# Features of new HD DVR 722K



## lisacor (Aug 19, 2008)

Can anyone fill me in on the new features of the new 722K? My parents are upgrading after having an OLD box. I am just curious if they should hold off a few more days and try to get the 722K.

Thanks again in advance for any help.


----------



## dishguy77 (Oct 9, 2008)

the 722k has no built in OTA tuner and comes with a new set of remotes, the 20.0 and 21.0, that use 2 way communication with the receiver. other than that it's pretty much the same receiver as the 722.


----------



## Robotpedlr (Dec 14, 2008)

You can get the new remote with the normal 722 also. 

I have the 722 and called and asked for the new remote (had to find someone that knew about it first) and they sent it for free. I needed it for a TV that needed a learning remote since the one that came with the 722 didnt work..


----------



## P Smith (Jul 25, 2002)

dishguy77 said:


> the 722k has no built in OTA tuner and comes with a new set of remotes, the 20.0 and 21.0, that *use 2 way communication with the receiver*. other than that it's pretty much the same receiver as the 722.

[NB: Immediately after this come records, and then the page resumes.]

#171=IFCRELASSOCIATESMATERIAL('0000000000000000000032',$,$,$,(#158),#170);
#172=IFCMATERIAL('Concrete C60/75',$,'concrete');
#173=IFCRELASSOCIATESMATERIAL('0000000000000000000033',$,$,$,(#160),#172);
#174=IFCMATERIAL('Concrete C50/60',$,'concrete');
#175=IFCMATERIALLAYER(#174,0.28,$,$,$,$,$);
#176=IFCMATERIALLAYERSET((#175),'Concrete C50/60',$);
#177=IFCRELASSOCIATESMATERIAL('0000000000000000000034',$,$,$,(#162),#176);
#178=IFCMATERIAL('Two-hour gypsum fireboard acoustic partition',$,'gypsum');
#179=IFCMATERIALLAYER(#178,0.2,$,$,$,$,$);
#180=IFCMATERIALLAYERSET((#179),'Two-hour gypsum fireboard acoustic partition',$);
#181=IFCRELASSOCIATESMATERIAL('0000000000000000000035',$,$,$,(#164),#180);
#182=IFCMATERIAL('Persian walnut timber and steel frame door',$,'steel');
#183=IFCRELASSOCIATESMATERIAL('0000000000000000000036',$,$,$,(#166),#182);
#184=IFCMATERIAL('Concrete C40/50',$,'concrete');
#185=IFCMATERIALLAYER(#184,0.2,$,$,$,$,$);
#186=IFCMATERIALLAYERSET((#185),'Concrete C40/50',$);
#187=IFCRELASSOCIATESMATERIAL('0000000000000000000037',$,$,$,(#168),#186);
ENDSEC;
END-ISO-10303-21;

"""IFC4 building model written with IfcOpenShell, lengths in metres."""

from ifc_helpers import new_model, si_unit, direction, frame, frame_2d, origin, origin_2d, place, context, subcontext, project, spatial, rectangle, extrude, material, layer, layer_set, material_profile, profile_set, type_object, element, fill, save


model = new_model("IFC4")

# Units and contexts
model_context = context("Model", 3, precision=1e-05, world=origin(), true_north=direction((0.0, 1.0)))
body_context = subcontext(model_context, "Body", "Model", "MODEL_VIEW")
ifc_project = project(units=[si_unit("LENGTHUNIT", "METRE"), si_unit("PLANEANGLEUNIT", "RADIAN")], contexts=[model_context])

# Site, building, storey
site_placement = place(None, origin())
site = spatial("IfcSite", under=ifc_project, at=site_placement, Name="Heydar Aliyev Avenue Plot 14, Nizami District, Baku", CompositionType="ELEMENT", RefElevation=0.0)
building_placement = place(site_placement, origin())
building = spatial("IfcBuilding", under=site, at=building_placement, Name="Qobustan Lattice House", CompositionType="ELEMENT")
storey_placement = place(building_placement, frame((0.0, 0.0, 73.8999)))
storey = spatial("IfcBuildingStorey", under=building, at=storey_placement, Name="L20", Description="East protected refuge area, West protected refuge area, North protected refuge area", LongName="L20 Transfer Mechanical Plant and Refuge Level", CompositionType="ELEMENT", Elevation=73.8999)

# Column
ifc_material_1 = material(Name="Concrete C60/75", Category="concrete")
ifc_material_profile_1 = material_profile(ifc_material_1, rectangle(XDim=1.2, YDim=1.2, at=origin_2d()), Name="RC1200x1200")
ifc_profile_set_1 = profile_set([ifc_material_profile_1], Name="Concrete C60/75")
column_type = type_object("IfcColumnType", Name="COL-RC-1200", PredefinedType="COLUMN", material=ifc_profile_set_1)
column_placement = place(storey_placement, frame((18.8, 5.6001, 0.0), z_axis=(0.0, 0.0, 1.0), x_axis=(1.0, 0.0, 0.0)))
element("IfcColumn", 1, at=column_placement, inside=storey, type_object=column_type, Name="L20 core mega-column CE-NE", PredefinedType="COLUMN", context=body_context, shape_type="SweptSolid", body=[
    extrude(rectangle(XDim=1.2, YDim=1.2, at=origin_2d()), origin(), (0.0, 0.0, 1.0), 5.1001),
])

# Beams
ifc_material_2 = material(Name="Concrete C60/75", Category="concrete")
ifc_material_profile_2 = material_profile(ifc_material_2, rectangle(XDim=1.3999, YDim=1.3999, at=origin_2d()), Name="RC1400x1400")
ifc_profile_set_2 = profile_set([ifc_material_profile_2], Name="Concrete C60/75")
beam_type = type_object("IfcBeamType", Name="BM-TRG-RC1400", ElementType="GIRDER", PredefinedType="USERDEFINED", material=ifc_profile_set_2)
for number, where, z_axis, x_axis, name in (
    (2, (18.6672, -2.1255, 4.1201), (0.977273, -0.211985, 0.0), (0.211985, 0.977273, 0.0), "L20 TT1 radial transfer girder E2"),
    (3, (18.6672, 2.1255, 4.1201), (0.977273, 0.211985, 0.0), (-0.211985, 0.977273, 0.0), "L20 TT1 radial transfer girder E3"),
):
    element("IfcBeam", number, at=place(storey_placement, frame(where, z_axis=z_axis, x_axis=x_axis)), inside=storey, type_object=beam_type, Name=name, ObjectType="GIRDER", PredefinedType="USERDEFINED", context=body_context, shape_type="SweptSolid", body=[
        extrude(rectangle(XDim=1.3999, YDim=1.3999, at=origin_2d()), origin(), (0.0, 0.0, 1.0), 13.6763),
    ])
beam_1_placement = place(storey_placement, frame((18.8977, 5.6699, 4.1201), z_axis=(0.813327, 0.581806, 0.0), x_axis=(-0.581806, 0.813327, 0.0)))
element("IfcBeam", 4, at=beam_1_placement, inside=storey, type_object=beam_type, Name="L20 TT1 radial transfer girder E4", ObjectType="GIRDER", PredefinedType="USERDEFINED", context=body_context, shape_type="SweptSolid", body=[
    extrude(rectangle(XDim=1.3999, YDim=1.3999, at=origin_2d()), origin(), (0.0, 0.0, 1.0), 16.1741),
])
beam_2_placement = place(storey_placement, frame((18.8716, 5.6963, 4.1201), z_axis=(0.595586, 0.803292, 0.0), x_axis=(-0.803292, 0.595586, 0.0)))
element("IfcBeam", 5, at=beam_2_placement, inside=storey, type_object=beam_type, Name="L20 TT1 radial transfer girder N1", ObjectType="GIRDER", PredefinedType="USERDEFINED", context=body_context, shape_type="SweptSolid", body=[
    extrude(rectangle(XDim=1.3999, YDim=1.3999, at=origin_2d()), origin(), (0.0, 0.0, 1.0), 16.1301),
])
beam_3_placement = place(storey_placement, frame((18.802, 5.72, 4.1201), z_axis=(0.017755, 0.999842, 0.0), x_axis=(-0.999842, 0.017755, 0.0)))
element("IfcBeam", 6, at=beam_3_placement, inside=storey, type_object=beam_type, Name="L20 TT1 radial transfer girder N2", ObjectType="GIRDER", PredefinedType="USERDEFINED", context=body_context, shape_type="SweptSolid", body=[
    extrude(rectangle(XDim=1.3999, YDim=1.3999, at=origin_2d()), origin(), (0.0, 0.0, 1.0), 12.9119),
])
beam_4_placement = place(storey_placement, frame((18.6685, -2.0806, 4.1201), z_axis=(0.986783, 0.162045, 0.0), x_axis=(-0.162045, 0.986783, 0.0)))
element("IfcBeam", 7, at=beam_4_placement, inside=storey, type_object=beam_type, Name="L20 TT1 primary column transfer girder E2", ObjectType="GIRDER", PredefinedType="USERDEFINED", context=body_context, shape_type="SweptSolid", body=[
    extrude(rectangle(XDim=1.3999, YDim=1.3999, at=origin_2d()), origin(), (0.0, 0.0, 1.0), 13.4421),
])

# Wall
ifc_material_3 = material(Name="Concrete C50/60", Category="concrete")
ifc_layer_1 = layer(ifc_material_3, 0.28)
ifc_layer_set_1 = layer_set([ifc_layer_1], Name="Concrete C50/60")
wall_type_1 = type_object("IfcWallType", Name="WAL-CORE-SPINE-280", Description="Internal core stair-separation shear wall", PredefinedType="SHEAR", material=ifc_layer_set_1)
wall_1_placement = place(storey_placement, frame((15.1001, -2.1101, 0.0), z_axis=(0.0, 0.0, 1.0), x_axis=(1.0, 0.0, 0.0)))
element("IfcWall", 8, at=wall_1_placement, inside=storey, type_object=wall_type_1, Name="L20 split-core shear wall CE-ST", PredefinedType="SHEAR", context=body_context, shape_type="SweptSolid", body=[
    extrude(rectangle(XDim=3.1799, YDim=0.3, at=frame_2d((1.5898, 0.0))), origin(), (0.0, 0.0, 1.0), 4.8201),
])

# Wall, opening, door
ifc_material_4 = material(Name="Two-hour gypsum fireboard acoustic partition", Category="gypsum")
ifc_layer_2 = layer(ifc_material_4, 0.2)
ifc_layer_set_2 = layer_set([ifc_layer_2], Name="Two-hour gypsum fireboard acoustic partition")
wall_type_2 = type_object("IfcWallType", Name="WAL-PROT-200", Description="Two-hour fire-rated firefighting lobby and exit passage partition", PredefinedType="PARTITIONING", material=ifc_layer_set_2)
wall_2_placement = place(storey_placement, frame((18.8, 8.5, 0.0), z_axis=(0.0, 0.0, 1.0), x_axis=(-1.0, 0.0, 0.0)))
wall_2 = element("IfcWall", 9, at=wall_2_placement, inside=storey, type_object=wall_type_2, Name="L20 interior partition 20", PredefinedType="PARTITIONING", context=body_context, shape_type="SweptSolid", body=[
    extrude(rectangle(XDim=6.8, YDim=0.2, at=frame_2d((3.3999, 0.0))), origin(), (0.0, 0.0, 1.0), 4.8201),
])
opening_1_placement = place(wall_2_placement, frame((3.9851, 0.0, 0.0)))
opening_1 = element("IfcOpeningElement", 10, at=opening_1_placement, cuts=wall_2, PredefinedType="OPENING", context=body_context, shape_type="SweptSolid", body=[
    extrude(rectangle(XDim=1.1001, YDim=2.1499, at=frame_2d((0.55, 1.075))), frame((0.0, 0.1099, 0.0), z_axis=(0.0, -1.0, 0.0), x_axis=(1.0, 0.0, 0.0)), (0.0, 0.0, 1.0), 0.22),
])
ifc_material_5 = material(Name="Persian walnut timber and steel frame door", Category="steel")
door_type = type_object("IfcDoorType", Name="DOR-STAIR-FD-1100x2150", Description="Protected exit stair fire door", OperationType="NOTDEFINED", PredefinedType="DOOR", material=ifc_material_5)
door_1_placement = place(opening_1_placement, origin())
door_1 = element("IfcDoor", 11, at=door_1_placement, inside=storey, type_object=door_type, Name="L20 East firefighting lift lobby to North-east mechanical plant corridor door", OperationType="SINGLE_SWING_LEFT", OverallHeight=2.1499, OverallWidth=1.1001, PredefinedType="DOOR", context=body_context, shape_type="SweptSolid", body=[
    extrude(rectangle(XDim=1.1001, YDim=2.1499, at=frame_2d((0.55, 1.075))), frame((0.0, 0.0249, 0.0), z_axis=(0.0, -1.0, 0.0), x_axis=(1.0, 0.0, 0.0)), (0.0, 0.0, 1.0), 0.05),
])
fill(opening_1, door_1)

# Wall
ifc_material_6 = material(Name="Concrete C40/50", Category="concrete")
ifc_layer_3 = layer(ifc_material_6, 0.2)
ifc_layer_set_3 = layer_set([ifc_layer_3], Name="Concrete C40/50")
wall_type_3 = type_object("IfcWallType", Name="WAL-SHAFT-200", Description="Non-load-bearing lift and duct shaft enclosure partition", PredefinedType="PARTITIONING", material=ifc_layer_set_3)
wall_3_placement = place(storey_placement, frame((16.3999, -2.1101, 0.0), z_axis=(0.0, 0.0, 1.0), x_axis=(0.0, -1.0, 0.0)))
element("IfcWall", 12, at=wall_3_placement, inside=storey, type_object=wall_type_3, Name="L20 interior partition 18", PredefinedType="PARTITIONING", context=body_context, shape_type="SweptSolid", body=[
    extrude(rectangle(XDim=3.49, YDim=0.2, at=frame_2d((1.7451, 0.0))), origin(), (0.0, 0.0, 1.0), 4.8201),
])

The feature had VERY LIMITED value, ie only for store and retrieve your DVR setting ! Nothing fancy.


----------



## James Long (Apr 17, 2003)

dishguy77 said:


> the 722k has no built in OTA tuner ...


For clarification ... the 722k will also be sold with a dual OTA tuner module that fits into the 722k's case (not a separate rackspace unit like DirecTV's AM-21). That dual OTA tuner will allow OTA TV on both TV1 and TV2 (unlike the 622/722 which only allow live OTA on TV1).


----------



## sethwell (Sep 19, 2008)

Robotpedlr said:


> You can get the new remote with the normal 722 also.
> 
> I have the 722 and called and asked for the new remote (had to find someone that knew about it first) and they sent it for free. I needed it for a TV that needed a learning remote since the one that came with the 722 didnt work..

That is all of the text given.